Couchbase Search indexes, often called FTS (Full-Text Search) indexes, are a powerful but often misunderstood feature. The most surprising thing about them is that they don’t just store text; they analyze it, breaking it down into meaningful tokens based on language and specific rules, which is crucial for effective searching.
Let’s see this in action. Imagine you have a collection of documents about books, and you want to search for books containing the word "adventure" in their descriptions.
[
{
"title": "The Hobbit",
"author": "J.R.R. Tolkien",
"description": "Bilbo Baggins, a hobbit, is persuaded by Gandalf the wizard and a band of dwarves to steal treasure from Smaug the dragon. A grand adventure ensues."
},
{
"title": "Pride and Prejudice",
"author": "Jane Austen",
"description": "A classic novel of manners, love, and social standing in Georgian England."
},
{
"title": "Treasure Island",
"author": "Robert Louis Stevenson",
"description": "Young Jim Hawkins embarks on a perilous journey to find buried treasure, facing pirates and mutiny on the high seas. A true adventure story."
}
]
To search this effectively, we need an FTS index. Here’s how you’d create one using the Couchbase CLI:
/opt/couchbase/bin/couchbase-cli fts-create-index --cluster localhost:8091 --username Administrator --password password \
--bucket travel-sample --name books_fts_index --type fulltext-v1 \
--design-name books_index --source-type couchbase --source-name books_collection
This command tells Couchbase to create an FTS index named books_fts_index on the books_collection within the travel-sample bucket. The --type fulltext-v1 specifies the FTS index version, and --design-name books_index is a logical grouping for your FTS indexes.
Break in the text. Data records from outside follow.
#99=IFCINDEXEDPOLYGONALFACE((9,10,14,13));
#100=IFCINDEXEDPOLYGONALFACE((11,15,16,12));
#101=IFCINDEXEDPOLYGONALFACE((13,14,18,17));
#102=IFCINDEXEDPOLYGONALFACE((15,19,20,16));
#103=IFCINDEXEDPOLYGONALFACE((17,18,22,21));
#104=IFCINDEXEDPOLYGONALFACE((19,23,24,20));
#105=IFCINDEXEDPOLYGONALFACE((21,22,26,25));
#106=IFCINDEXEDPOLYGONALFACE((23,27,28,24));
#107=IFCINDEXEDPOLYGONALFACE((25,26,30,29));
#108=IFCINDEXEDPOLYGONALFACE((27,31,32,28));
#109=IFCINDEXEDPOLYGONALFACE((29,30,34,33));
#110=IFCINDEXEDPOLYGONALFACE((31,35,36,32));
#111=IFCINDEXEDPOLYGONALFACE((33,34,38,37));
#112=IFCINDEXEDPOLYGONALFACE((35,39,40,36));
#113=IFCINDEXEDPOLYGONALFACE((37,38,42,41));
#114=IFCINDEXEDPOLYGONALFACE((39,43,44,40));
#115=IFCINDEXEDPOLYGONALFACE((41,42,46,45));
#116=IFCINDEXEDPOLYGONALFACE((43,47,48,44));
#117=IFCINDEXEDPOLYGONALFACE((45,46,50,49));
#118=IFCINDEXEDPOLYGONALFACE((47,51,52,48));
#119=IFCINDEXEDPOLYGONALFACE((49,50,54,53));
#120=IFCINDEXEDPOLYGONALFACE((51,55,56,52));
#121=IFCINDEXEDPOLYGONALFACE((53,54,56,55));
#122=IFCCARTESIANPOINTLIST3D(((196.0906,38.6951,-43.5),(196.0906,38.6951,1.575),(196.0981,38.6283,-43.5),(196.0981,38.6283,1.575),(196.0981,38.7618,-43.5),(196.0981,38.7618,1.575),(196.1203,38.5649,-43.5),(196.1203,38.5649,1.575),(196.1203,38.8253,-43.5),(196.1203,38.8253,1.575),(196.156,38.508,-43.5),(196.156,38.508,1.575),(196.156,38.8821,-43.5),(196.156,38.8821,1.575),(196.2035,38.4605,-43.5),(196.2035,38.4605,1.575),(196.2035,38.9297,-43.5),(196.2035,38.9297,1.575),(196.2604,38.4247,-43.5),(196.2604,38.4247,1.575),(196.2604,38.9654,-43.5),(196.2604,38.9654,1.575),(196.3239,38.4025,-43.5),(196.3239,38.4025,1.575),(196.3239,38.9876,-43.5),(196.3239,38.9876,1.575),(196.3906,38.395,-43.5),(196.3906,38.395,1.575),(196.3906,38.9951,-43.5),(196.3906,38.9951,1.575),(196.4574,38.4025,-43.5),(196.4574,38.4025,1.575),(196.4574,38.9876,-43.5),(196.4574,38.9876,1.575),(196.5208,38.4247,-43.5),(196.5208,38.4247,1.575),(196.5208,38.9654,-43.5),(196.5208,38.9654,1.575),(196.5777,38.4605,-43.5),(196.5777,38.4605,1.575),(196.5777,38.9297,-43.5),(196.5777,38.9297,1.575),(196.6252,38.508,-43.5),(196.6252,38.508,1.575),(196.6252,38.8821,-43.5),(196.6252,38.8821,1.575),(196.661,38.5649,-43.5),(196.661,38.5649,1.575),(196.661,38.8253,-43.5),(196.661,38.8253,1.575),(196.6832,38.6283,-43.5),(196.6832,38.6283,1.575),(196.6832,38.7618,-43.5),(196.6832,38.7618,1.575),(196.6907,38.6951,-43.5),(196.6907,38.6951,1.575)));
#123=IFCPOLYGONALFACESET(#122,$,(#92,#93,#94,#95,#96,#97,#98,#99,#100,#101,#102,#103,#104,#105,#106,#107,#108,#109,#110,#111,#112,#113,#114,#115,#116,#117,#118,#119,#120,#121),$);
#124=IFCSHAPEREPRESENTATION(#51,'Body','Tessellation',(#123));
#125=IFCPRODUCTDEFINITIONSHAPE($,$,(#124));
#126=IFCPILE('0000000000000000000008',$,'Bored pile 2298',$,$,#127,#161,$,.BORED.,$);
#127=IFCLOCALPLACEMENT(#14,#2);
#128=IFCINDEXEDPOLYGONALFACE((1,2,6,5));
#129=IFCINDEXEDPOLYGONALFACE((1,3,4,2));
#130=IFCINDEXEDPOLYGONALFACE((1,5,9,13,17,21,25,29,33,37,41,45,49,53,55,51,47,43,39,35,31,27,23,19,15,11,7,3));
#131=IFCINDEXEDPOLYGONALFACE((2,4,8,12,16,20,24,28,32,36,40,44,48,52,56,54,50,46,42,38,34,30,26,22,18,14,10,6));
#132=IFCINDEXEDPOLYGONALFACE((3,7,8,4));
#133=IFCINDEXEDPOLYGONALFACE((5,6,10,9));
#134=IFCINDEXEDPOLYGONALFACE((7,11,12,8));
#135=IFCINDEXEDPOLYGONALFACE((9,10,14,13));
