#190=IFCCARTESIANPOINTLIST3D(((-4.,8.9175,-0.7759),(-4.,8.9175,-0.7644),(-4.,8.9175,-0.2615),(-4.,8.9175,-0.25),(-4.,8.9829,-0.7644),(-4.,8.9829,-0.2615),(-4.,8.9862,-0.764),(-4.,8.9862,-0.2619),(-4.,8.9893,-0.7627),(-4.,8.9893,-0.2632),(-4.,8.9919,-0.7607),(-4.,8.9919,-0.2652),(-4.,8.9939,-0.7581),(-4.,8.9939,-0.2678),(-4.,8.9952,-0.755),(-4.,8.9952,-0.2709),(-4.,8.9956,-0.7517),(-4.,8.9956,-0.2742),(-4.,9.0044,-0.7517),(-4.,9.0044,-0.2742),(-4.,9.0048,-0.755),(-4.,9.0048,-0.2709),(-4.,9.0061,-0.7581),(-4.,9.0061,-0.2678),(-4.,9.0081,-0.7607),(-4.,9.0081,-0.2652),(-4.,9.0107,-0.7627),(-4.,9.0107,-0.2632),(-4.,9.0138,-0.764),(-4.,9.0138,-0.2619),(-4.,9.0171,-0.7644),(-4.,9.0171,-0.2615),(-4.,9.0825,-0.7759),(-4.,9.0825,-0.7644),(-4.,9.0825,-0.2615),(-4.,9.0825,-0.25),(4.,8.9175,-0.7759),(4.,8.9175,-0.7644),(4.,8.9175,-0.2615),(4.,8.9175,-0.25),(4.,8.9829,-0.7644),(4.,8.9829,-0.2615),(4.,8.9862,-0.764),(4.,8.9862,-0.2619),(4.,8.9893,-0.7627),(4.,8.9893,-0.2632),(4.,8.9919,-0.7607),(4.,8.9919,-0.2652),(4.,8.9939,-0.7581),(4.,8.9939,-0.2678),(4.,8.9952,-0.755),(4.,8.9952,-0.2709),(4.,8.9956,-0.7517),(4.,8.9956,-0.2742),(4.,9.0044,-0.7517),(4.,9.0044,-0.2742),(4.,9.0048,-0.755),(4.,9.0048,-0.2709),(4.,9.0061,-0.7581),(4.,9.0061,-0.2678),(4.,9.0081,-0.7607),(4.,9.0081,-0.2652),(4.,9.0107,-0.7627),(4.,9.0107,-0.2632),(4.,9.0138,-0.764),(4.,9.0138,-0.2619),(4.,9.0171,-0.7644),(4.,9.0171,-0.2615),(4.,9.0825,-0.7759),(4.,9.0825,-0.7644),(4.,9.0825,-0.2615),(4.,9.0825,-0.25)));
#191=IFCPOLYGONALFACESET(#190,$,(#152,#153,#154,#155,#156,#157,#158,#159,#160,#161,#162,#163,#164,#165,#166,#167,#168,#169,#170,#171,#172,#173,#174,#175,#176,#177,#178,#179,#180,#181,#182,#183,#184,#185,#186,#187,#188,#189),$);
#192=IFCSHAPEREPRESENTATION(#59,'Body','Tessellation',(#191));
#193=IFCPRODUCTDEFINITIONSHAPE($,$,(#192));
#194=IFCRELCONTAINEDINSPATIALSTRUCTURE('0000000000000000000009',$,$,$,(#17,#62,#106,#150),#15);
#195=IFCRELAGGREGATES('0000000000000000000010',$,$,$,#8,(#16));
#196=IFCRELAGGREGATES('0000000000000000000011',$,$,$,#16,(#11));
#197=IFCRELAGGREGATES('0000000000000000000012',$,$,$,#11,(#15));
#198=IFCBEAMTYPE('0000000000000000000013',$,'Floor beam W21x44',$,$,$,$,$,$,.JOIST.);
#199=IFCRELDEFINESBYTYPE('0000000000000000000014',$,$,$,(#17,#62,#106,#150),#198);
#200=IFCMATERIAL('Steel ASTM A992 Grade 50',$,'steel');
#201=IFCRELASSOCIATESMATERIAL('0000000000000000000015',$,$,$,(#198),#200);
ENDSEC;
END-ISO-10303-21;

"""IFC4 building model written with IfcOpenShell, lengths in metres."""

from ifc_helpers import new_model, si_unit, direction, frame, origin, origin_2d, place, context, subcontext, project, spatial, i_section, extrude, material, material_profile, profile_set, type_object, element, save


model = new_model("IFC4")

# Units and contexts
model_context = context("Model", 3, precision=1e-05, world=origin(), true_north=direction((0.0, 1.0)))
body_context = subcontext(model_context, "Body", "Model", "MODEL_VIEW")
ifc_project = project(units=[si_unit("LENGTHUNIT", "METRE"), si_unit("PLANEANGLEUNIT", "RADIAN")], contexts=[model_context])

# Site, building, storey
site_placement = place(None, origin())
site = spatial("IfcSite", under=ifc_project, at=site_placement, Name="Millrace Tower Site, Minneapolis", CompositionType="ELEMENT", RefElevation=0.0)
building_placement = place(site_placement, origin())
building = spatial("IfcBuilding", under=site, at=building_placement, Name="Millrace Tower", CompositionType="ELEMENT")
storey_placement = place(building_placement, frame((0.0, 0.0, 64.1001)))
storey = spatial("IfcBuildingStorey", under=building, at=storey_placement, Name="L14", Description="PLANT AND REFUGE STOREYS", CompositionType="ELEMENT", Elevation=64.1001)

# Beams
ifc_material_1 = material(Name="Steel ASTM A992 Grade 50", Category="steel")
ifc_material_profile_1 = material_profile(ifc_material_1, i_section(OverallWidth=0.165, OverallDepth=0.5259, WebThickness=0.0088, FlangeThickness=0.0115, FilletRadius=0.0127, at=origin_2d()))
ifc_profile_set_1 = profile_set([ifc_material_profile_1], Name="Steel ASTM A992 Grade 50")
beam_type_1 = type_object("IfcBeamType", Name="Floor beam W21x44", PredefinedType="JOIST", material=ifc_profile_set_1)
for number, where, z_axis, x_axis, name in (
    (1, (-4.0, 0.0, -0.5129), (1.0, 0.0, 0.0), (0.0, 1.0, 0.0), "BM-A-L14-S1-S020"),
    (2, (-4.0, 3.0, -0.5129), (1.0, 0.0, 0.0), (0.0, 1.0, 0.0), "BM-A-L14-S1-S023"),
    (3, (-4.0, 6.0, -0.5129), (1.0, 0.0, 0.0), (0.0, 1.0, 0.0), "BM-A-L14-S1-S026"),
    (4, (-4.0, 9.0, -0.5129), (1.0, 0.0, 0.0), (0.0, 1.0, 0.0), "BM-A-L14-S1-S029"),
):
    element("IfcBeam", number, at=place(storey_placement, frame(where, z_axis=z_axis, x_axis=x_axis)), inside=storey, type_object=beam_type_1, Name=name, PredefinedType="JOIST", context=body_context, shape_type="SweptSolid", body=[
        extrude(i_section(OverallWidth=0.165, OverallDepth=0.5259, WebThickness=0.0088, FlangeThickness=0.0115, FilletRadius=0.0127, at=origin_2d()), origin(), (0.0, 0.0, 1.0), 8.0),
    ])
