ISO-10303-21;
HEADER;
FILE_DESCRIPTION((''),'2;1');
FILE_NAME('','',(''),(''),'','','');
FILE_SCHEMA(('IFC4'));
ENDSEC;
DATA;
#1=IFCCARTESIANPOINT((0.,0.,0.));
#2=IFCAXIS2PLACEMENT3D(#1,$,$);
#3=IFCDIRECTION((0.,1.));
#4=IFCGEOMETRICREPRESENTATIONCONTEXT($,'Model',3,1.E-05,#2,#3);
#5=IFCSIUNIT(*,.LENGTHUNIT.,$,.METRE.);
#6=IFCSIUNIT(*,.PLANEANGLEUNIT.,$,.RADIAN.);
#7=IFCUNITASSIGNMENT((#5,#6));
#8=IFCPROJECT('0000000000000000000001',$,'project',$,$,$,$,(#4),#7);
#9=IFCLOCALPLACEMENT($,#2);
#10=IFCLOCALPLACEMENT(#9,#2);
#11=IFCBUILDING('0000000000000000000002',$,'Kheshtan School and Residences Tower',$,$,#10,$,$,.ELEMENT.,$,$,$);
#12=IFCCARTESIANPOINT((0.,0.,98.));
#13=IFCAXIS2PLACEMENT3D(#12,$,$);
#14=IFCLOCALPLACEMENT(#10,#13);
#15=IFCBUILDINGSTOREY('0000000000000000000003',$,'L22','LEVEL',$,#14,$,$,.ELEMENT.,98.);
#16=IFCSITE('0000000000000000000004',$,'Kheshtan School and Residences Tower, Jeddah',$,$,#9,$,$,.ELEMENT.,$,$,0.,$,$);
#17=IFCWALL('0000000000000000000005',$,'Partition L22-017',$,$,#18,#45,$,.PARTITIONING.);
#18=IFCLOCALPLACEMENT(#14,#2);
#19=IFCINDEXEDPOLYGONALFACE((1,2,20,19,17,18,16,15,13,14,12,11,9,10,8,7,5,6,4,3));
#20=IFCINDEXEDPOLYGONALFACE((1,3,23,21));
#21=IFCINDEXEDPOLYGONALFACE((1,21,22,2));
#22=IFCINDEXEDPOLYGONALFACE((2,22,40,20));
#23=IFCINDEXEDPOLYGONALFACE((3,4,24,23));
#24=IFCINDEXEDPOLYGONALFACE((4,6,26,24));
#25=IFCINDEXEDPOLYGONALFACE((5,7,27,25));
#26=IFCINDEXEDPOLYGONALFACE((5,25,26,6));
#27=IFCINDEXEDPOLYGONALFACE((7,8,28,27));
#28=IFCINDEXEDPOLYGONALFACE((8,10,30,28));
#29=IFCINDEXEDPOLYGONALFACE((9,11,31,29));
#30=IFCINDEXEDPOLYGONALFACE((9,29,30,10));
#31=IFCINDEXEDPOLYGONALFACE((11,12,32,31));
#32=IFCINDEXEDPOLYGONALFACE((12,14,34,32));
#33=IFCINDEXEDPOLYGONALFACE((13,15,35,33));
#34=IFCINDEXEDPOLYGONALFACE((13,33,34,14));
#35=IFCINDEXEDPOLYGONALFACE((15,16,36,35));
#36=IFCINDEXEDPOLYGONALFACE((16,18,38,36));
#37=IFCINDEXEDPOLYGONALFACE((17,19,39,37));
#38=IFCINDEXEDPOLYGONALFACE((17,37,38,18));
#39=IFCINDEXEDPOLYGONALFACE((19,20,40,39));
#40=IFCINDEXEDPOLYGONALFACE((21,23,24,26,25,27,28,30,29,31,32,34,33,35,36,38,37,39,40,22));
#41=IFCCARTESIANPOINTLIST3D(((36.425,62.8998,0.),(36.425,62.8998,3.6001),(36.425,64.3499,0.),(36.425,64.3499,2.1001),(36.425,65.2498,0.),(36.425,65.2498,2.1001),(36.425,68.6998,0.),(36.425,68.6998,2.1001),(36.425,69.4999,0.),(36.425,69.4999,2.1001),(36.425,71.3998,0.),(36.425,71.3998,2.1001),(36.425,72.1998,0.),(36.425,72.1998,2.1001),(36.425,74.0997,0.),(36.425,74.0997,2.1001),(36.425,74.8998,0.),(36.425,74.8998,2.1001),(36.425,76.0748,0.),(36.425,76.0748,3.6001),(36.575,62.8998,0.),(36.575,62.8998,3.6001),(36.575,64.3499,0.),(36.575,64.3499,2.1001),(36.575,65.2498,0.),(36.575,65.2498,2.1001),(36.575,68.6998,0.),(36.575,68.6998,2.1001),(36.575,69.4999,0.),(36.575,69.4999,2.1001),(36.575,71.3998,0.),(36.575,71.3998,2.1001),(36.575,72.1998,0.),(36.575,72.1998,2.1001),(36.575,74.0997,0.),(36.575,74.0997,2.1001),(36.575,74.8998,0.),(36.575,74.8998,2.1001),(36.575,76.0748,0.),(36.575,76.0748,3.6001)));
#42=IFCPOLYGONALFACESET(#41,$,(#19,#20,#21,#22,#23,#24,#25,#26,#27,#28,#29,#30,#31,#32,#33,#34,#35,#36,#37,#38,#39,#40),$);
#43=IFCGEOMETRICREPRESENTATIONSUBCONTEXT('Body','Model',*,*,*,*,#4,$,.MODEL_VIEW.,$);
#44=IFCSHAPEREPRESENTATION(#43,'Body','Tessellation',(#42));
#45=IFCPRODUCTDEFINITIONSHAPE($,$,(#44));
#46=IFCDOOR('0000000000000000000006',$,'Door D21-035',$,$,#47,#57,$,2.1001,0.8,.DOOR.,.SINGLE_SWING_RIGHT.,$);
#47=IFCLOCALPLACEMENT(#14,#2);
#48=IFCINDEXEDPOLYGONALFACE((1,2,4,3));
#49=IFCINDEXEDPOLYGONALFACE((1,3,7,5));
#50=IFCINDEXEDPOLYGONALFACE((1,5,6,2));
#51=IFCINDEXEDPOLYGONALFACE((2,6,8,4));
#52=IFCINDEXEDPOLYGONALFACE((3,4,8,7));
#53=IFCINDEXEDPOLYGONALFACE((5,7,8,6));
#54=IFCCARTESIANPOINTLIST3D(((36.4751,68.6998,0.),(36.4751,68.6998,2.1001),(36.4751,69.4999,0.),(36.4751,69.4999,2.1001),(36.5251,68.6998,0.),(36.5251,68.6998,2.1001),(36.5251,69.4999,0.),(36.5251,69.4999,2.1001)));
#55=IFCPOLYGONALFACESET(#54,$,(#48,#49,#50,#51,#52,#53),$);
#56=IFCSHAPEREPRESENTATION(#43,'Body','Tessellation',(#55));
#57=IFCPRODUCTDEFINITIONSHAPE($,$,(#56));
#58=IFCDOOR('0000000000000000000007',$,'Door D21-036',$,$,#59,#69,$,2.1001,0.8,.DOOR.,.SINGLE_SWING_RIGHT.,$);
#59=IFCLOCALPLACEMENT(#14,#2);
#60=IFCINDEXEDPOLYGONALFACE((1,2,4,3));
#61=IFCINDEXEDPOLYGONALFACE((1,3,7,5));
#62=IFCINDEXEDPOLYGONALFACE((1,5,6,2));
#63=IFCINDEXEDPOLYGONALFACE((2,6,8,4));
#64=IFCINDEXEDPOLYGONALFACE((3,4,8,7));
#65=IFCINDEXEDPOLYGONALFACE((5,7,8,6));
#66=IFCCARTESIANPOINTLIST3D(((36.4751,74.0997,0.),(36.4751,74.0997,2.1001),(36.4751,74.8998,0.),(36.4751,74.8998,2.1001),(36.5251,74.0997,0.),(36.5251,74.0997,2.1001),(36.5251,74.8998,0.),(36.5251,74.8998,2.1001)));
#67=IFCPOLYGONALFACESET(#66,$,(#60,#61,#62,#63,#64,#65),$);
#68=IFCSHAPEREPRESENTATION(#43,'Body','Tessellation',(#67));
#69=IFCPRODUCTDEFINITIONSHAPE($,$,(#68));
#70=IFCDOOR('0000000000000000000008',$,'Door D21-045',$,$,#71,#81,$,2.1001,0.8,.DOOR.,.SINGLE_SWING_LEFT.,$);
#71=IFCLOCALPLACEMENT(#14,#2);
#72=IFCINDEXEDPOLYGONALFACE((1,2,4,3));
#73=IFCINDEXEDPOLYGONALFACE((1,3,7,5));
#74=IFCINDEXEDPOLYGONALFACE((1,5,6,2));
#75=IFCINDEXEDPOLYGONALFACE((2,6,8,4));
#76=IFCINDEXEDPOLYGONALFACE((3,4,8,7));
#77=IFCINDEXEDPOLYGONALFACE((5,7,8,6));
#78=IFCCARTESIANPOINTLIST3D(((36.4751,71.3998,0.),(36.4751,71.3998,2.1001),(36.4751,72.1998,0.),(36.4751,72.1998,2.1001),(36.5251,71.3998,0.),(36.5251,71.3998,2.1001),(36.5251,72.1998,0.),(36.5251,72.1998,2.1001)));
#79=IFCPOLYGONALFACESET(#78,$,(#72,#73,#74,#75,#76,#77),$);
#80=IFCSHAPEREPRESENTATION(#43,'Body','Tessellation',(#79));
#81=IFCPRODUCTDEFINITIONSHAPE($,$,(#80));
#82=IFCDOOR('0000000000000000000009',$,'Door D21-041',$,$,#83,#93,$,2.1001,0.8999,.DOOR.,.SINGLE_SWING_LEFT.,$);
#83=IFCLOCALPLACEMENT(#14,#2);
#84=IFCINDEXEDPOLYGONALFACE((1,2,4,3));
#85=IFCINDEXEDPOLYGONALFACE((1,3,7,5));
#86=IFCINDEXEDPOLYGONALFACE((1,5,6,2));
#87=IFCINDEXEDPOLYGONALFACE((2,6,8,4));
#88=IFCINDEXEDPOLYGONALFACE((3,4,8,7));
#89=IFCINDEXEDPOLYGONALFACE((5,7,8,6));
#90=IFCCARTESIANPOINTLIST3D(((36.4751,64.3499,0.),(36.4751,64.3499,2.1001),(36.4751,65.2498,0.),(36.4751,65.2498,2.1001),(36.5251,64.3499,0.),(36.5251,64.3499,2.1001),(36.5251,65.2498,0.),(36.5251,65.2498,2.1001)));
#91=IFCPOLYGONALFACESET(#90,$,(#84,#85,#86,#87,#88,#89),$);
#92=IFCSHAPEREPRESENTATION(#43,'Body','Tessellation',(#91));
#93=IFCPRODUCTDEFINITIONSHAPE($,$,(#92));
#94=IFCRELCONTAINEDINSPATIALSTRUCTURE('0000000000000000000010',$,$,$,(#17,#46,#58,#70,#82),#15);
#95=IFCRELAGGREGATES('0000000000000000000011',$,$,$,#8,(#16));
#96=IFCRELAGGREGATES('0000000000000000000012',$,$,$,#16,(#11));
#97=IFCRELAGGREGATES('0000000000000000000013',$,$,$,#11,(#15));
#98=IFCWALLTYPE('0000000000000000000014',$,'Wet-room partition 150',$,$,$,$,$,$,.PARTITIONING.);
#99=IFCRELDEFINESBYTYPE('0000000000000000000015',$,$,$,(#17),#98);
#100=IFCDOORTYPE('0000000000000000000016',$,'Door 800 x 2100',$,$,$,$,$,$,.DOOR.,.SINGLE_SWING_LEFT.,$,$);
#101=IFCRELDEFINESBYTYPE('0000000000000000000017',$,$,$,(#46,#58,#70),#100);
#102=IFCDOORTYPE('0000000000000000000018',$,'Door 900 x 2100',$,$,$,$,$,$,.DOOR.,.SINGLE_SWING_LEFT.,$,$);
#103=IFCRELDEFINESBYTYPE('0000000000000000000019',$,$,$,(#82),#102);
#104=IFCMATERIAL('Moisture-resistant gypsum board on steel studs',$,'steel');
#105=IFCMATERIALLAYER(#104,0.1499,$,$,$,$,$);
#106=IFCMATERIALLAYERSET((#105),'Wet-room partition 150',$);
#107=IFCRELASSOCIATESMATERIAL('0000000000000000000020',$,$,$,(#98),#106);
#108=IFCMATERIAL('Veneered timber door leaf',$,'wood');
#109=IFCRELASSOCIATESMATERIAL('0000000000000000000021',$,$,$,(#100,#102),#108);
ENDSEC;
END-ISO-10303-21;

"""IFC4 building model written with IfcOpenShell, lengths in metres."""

from ifc_helpers import new_model, si_unit, direction, frame, frame_2d, origin, place, context, subcontext, project, spatial, rectangle, extrude, source, transform, mapped, material, layer, layer_set, type_object, element, fill, save


model = new_model("IFC4")

# Units and contexts
model_context = context("Model", 3, precision=1e-05, world=origin(), true_north=direction((0.0, 1.0)))
body_context = subcontext(model_context, "Body", "Model", "MODEL_VIEW")
ifc_project = project(units=[si_unit("LENGTHUNIT", "METRE"), si_unit("PLANEANGLEUNIT", "RADIAN")], contexts=[model_context])

# Site, building, storey
site_placement = place(None, origin())
site = spatial("IfcSite", under=ifc_project, at=site_placement, Name="Kheshtan School and Residences Tower, Jeddah", CompositionType="ELEMENT", RefElevation=0.0)
building_placement = place(site_placement, origin())
building = spatial("IfcBuilding", under=site, at=building_placement, Name="Kheshtan School and Residences Tower", CompositionType="ELEMENT")
storey_placement = place(building_placement, frame((0.0, 0.0, 98.0)))
storey = spatial("IfcBuildingStorey", under=building, at=storey_placement, Name="L22", Description="LEVEL", CompositionType="ELEMENT", Elevation=98.0)

# Shared definitions
ifc_material_1 = material(Name="Moisture-resistant gypsum board on steel studs", Category="steel")
ifc_layer_1 = layer(ifc_material_1, 0.1499)
ifc_layer_set_1 = layer_set([ifc_layer_1], Name="Wet-room partition 150")
wall_type_1 = type_object("IfcWallType", Name="Wet-room partition 150", PredefinedType="PARTITIONING", material=ifc_layer_set_1)

# Shared definitions
ifc_material_2 = material(Name="Veneered timber door leaf", Category="wood")
door_type_1 = type_object("IfcDoorType", Name="Door 800 x 2100", OperationType="SINGLE_SWING_LEFT", PredefinedType="DOOR", material=ifc_material_2)
shared_shape_1 = source(origin(), body_context, "Body", "SweptSolid", [
    extrude(rectangle(XDim=0.8, YDim=2.1001, at=frame_2d((0.3999, 1.05))), frame((0.0, 0.0249, 0.0), z_axis=(0.0, -1.0, 0.0), x_axis=(1.0, 0.0, 0.0)), (0.0, 0.0, 1.0), 0.05),
])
Once created, Couchbase analyzes the description field. It doesn’t just store "adventure" as a string; it breaks it down into tokens. For English, this typically involves:
- Lowercasing: "Adventure" becomes "adventure".
- Punctuation removal: "adventure." becomes "adventure".
- Stop word removal: Common words like "a", "the", "is" might be removed.
- Stemming: Words with similar roots might be reduced to a common stem (e.g., "adventures" might become "adventur").
This tokenization is what allows you to search for "adventure" and find documents containing "adventures" or "adventure."
Now, let’s perform a query. You can do this via the Couchbase UI, the SDK, or the REST API. Using the REST API for demonstration:
curl -X POST \
http://localhost:8093/api/index/books_fts_index/query \
-H 'Content-Type: application/json' \
-d '{
"query": {
"match": {
"description": "adventure"
}
}
}'
The result would look something like this, showing the "The Hobbit" and "Treasure Island" documents because their descriptions contain the analyzed token "adventure":
{
"requestID": "...",
"status": "success",
"hits": [
{
"id": "doc_id_for_the_hobbit",
"score": 0.5,
"fields": { ... }
},
{
"id": "doc_id_for_treasure_island",
"score": 0.4,
"fields": { ... }
}
],
"total": 2,
"maxScore": 0.5,
"took": 10
}
The score indicates relevance. Higher scores mean a better match.
Understanding the mapping and analysis is key to tuning your FTS indexes. The mapping defines which fields to index and how. The analysis defines how text is tokenized. By default, Couchbase uses language-specific analyzers (like en for English). You can customize these. For example, you might want to index a tags field differently than a description field, perhaps using a keyword analyzer for exact matches on tags or a custom analyzer for specific domain jargon.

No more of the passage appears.